MCMC mean: (1.1776513919915395, 2.106161026368139)
Grid sample mean: (1.19973972141778, 2.0994867810183075)


# How good is good enough?
This is a natural point in the narrative to start wondering about the question of convergence. It certainly seems clear from the graphs we've drawn that the Metropolis-Hastings algorithm ends up "exploring" the distribution we want to sample from pretty well. And, as it turns out, there is a mathematical theorem proving it: as the number of samples goes to infinity, the distribution of the Markov chain will converge to the distribution of the probability proportion. So if we extend our Markov chain long enough, we will always get accurate estimates.  
But therein lies the rub. What is "long enough"? When do we decide to stop a Markov chain? How do we know that our parameter estimates are accurate? We can't simply compare the MCMC-estimates to the true distribution, since *the whole point of MCMC is to be able to sample from a distribution we can't sample from otherwise*.  

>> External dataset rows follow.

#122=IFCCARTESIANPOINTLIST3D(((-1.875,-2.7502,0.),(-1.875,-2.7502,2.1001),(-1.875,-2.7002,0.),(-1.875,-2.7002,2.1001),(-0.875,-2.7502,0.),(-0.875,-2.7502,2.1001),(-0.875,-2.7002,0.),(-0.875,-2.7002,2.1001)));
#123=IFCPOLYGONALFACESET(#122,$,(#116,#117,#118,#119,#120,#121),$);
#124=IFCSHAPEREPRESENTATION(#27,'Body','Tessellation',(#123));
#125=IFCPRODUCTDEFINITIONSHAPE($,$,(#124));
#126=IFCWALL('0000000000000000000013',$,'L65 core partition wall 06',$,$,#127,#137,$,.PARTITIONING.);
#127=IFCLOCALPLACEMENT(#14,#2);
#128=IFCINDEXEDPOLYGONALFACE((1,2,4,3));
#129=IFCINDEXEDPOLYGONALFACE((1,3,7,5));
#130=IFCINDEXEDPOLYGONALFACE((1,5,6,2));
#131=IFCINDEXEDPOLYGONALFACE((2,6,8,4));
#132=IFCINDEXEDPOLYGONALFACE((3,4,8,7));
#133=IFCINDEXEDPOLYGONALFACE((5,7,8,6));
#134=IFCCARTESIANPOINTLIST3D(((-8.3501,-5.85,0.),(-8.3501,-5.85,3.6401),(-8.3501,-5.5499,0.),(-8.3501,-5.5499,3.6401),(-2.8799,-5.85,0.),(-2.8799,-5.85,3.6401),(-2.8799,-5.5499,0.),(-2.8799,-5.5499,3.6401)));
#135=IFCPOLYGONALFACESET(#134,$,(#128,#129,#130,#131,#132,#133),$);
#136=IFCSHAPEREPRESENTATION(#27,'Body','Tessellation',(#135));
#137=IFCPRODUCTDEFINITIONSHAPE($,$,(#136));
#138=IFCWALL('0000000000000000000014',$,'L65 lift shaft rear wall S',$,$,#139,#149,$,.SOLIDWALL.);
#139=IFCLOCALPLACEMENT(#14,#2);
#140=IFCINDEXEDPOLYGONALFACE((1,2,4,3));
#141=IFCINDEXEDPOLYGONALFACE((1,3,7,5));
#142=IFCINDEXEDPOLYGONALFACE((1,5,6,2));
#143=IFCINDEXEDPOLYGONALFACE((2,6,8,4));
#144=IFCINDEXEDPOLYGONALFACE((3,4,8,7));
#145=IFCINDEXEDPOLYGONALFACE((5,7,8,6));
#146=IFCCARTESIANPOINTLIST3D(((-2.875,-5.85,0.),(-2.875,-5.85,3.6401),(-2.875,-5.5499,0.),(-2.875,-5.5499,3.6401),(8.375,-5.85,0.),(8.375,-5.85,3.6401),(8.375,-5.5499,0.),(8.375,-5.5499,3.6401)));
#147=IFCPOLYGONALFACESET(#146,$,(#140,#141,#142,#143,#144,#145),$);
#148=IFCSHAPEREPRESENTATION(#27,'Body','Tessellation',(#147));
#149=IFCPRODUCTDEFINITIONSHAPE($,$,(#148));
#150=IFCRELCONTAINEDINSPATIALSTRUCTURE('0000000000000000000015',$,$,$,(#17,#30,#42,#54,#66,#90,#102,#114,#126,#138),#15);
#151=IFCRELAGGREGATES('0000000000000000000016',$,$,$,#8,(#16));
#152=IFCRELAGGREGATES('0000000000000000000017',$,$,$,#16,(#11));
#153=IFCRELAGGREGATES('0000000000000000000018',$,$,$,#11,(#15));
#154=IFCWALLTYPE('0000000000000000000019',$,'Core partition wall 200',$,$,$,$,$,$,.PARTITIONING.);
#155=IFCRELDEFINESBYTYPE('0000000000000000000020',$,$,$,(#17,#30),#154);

There do exist metrics for monitoring and improving the speed of convergence, and using Markov Chain Monte Carlo methods in practice is effectively doing these two things. Convergence is the subject of our next notebook.

# Summary
We introduced Markov chains, which can be described as a random walk through space: the next location only depends upon the previous one through a transition function. By choosing this transition function wisely, as in the Metropolis-Hasting algorithm, we can sample from a probability distribution already when we only know the probability proportion, and apparently can do so pretty well.  
The question remains, *how* well? Mathematics guarantees convergence *eventually*, but that isn't a very practical guideline. Monitoring this convergence in practice will be the subject of our next notebook.